Antipatterns (e.g. what doesn’t work)

A community survey of the ESIP Cloud Computing Cluster noted the following antipatterns in cloud data:

  • Large granule sizes with no means to subset those granules, requiring full-file transfers.

  • Storing data uncompressed, which can increase performance but double cost.

  • Lift and shift, which fails to make use of the cloud’s elasticity and highly scalable storage while also ignoring changes in access performance.

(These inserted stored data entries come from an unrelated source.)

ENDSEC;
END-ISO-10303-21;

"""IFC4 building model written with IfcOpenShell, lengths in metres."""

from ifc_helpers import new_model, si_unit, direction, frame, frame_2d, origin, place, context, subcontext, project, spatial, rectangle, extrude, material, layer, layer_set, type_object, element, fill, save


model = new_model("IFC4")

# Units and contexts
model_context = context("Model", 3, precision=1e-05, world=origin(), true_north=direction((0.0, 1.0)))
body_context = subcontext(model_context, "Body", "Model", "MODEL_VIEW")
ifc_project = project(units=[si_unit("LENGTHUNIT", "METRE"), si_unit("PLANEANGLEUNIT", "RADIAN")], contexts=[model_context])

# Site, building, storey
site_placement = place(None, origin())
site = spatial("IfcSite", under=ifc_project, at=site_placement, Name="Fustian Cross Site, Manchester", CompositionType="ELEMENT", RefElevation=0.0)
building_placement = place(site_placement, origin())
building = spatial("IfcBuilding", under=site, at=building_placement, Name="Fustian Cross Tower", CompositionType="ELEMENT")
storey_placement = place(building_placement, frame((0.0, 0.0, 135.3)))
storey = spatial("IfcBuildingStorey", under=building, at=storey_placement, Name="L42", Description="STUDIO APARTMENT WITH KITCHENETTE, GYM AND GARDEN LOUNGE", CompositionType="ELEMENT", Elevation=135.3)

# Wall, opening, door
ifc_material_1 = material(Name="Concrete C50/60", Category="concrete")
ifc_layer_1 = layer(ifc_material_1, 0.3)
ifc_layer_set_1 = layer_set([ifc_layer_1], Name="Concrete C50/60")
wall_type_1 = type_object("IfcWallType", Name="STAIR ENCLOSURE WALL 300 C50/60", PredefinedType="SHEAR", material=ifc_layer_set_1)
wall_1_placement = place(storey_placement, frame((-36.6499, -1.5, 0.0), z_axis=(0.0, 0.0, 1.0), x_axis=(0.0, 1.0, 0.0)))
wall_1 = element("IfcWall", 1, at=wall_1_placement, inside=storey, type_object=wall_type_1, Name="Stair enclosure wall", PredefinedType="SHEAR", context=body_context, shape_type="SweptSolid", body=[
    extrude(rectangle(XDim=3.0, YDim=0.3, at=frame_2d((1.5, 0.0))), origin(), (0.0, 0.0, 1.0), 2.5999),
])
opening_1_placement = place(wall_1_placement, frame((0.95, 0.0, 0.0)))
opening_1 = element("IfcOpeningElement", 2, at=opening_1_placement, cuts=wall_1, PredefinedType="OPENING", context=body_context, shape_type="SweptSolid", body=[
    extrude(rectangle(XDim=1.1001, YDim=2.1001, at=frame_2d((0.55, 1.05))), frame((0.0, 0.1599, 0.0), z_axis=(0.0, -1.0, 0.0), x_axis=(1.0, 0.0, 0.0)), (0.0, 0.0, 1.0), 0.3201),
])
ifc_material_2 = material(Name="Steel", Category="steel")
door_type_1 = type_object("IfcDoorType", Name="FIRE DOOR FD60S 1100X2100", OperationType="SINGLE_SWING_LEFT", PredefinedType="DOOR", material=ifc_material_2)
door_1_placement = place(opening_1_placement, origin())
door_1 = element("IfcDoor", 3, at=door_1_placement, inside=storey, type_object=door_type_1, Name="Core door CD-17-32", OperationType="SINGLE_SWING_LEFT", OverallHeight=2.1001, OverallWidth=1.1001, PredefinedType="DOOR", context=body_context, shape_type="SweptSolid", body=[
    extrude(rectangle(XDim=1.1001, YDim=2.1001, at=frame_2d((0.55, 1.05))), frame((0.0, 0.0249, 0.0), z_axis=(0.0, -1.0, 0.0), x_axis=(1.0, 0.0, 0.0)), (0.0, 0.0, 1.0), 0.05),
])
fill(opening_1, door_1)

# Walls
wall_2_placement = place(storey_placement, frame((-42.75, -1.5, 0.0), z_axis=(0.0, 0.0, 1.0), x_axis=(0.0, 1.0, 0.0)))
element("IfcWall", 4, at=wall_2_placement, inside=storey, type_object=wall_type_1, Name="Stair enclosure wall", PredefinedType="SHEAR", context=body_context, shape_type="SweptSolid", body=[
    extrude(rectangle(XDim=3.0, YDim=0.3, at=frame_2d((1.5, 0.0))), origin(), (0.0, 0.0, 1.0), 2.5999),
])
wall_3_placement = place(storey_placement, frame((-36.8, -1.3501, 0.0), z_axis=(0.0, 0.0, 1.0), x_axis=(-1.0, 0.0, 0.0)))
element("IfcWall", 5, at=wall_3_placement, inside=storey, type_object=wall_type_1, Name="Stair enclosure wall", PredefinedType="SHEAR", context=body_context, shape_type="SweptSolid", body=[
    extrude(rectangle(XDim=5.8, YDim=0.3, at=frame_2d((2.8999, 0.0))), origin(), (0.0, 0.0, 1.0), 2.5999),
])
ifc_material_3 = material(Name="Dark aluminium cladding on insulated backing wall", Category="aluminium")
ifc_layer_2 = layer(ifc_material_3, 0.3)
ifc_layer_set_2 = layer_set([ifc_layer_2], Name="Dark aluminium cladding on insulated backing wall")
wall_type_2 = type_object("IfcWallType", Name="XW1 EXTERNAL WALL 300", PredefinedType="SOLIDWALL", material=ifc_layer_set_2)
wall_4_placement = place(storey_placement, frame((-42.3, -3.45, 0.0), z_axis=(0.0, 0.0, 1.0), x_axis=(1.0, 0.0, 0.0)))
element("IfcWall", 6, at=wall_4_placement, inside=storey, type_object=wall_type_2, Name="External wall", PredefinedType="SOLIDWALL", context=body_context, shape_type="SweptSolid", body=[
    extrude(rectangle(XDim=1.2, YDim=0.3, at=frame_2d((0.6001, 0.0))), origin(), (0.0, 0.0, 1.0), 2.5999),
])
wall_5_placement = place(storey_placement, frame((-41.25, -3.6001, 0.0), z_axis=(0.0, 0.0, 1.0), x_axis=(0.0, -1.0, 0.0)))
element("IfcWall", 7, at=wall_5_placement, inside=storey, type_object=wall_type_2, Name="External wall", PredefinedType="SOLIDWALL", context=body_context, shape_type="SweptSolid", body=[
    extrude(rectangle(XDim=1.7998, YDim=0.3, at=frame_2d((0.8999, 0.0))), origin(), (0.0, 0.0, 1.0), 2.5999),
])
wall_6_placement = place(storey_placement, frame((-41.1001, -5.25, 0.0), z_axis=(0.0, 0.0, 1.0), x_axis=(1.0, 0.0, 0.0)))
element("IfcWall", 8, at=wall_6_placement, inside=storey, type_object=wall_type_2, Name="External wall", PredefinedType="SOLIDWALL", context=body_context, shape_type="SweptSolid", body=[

  • Large central file mounts, which create scalability and performance issues

  • Persistent processes, especially inelastic one. Scientific workloads tend to have high variability in demand and require attention to scaling to provide burst performance without inordinate cost

  • Requiring many requests in order to read a file, e.g. due to chunk sizes that are too small compared to the overall access size, which create significant network chatter

  • Web-based portals instead of direct programmatic data access, which limits automated activity and scalability while returning too many results

  • Failing to cache for repeat access, both client- and server-side, and particularly in service outputs which are expensive to produce and need idempotency

  • Putting workflows on the client, which creates significant back-and-forth network traffic

  • Allowing for unconstrained spatial queries of full detail

  • Glaciering data without a defined thawing process, with ownership of associated costs

  • Extracting time series from thousands of one-time-step files

  • Hierarchical data tree walks, which tend to be slow and prone to runtime errors (e.g. netCDF/HDF groups?)

  • Scattering metadata all over the place in the dataset

  • Making “one-time” chunking scheme, variable or projection decisions for all end users (seems like this should be configurable for different users and different use cases)

  • Data without metadata and metadata APIs: Data is on the cloud but people can’t understand it without downloading it

  • Storing related files in zip, tar, or similar formats not well-suited for partial file reads and spatiotemporal access

  • Serving data with no provision for partial-file access

  • Compressing data with unconventional (non-default, difficult to find/install) compressors.

  • Everyone, data producers and data users, needing time to learn new tools and data access methods.